がんとして長袖を着ないので、私が折れて、半袖半ズボンに、
「せめてパーカーだけは羽織ってくれ!」
と上衣を着させて登校させた。
小学男子たるもの半ズボン
発達障害がある子どもに見られる特性の一つに、感覚過敏や感覚鈍麻というのがある。
サトイモの場合、感覚過敏も感覚鈍麻もあんまり感じたことはない。
まれに大きな音をうるさがったり、遊びに興奮しているとケガをしてもあまり痛がらなかったりするけれど、程度は小さい。
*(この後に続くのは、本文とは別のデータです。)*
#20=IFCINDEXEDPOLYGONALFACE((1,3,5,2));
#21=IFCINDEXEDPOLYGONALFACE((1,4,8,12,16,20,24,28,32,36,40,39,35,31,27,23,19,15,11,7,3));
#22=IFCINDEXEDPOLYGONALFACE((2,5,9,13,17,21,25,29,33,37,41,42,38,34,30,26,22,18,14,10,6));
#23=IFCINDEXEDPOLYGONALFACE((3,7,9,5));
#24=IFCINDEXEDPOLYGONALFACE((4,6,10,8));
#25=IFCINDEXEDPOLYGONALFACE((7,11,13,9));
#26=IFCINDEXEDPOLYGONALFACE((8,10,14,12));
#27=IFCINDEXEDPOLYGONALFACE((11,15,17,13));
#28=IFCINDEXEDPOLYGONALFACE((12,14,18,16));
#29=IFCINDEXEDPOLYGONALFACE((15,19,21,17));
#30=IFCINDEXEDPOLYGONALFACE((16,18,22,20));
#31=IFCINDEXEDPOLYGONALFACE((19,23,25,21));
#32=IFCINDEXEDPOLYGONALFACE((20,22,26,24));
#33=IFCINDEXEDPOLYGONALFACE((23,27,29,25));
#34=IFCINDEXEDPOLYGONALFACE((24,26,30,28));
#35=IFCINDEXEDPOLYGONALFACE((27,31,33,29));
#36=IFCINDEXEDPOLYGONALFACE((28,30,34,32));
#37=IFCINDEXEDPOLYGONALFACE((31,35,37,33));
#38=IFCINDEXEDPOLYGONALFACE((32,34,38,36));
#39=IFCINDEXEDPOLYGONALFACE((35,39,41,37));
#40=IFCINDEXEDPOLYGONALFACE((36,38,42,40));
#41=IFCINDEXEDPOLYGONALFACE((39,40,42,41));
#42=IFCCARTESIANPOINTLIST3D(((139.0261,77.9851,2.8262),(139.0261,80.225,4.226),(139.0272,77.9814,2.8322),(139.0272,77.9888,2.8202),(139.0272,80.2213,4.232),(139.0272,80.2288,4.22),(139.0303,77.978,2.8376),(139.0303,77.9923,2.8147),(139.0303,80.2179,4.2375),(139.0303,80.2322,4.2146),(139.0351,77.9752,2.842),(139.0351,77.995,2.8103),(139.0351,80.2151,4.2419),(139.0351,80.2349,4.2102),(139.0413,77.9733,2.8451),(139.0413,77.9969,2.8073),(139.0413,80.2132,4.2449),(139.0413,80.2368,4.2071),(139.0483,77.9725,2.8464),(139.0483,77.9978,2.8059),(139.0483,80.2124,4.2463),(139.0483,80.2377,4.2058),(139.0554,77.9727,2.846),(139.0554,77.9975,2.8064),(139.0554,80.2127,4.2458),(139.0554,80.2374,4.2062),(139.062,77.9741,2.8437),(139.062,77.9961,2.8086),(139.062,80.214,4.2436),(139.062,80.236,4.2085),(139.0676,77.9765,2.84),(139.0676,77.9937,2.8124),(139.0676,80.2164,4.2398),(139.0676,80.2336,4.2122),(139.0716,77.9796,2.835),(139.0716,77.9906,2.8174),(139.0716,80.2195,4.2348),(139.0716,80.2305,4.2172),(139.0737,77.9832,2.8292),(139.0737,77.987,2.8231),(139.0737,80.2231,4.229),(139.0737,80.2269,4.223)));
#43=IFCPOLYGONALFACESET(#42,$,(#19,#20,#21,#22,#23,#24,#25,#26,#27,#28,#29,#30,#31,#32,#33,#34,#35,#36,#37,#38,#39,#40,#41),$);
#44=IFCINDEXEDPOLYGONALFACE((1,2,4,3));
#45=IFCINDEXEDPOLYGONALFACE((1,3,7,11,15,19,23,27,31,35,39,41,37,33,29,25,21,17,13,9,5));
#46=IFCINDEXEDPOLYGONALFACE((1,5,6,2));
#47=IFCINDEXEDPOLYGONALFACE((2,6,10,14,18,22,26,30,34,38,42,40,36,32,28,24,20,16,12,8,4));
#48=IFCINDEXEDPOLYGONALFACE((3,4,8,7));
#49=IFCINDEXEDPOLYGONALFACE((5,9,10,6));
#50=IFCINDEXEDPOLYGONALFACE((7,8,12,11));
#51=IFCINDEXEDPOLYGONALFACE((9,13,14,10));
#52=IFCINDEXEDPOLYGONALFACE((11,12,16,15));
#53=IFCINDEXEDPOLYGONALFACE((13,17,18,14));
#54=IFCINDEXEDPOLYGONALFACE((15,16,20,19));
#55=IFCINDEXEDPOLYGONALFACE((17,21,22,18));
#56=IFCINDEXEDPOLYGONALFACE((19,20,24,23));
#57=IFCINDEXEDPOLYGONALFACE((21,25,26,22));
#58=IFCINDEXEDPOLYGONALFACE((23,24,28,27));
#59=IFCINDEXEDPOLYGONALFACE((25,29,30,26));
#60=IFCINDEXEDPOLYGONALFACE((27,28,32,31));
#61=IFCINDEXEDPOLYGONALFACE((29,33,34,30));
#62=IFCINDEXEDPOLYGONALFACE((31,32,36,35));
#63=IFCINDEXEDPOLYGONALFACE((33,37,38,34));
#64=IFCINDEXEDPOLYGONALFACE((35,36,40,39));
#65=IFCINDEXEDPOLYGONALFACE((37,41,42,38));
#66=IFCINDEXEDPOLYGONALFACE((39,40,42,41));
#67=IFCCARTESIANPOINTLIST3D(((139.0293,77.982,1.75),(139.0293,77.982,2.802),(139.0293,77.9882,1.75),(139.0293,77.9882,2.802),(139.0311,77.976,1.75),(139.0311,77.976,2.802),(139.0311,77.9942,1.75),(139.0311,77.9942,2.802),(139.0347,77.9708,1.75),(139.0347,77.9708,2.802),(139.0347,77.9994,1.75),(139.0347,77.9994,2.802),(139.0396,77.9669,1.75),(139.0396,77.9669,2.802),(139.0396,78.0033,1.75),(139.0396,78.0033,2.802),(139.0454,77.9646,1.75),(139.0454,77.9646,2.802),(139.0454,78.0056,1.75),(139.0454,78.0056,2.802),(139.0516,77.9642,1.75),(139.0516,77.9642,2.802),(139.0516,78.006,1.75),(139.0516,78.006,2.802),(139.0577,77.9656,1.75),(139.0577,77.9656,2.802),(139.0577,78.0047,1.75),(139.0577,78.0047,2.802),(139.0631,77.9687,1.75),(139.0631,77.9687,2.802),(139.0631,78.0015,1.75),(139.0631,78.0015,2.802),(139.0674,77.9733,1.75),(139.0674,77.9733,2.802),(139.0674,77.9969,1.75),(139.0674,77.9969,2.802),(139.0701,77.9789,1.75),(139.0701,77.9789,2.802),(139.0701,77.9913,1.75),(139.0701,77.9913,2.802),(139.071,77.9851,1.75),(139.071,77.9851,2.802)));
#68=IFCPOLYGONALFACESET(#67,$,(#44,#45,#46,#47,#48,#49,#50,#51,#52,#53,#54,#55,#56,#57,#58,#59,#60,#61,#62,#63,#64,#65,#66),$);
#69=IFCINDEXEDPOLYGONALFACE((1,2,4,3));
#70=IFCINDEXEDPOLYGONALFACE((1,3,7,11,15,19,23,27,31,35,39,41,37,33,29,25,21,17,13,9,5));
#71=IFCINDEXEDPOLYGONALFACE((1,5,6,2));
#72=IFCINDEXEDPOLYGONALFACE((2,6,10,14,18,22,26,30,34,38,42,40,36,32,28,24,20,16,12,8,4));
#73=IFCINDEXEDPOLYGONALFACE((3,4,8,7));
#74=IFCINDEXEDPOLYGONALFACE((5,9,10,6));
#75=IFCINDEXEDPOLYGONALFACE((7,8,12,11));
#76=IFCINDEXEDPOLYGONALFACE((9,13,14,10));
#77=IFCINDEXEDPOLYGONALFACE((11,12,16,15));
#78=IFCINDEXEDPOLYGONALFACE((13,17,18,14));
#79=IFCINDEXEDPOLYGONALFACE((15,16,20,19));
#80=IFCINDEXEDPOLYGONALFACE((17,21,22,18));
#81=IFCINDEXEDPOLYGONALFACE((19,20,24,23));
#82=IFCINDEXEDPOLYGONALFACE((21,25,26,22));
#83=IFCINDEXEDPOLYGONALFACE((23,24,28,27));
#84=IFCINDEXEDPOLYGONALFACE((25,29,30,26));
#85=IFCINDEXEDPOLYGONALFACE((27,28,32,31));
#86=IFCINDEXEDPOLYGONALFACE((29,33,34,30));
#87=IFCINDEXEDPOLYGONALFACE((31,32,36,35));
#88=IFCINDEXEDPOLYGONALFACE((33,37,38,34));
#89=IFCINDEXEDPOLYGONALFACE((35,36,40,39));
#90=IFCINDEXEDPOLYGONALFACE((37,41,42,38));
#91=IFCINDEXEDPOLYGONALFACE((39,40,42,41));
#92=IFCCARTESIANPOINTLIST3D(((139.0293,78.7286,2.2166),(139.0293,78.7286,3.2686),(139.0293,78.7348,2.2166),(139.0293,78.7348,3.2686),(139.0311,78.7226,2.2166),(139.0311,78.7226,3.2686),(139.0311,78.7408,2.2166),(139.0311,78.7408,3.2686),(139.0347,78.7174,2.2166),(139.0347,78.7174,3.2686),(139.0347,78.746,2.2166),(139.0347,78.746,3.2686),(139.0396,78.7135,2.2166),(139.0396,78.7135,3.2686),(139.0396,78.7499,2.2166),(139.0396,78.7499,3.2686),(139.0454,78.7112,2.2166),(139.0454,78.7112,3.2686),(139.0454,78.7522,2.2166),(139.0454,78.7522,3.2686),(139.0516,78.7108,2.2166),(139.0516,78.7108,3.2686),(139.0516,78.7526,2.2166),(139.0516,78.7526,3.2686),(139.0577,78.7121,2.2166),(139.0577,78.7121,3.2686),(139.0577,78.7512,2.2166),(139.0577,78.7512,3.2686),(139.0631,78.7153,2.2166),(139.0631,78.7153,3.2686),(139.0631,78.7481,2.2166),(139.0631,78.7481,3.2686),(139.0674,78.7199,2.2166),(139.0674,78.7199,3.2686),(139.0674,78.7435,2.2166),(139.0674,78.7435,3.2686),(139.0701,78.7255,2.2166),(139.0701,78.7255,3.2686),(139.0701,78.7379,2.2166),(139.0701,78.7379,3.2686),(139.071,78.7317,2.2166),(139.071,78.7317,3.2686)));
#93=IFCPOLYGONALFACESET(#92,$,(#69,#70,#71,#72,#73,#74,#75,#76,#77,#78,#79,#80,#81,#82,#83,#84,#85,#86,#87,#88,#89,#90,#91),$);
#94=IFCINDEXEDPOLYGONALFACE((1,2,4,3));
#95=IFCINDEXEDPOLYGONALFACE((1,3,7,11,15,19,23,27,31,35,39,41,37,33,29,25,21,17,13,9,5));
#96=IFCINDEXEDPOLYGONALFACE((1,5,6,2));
普通の人でもうるさいと感じるレベルだったり、集中したら痛みもまぎれるよね~、と理解できる程度のレベルだ。
首をひねるのは、寒さ。
私がめちゃくちゃ寒がっていても、サトイモは平気なことが多い。
「今日は寒いからもう一枚着なさい」
と言っても、
「全然寒くない!むしろ暑いくらいや!」
とサトイモはつっぱねる。
ただ、このやりとり、周囲の親子もだいたい同じことをやっている。特に母親と男子。
かつて私は職場で、男性社員とエアコン設定温度争いをやっていた。
身体の代謝の両極端がやり合っているだけなんだろうか?
登校中の子どもたちを見ても、半袖や半ズボンの子がけっこういる。
発達障害の感覚鈍麻ではなく、子どもは風の子なだけ?
夫も小学生時代は一年中半ズボンだったと言っていた。
思い返せば昭和の小学生男子はそうだった気がする。
寒くないんですか問題
忘れもしない、去年の11月16日。
友人の弘川よしえちゃんが兵庫県議会議員補欠選挙に立候補して、投票日の前日の夜、阪急園田駅の前でマイクおさめの街頭演説をした。
私は応援のために見に行ったのだけど、前に立っていた人が半袖Tシャツ一枚だった。友人の知り合いの中年男性。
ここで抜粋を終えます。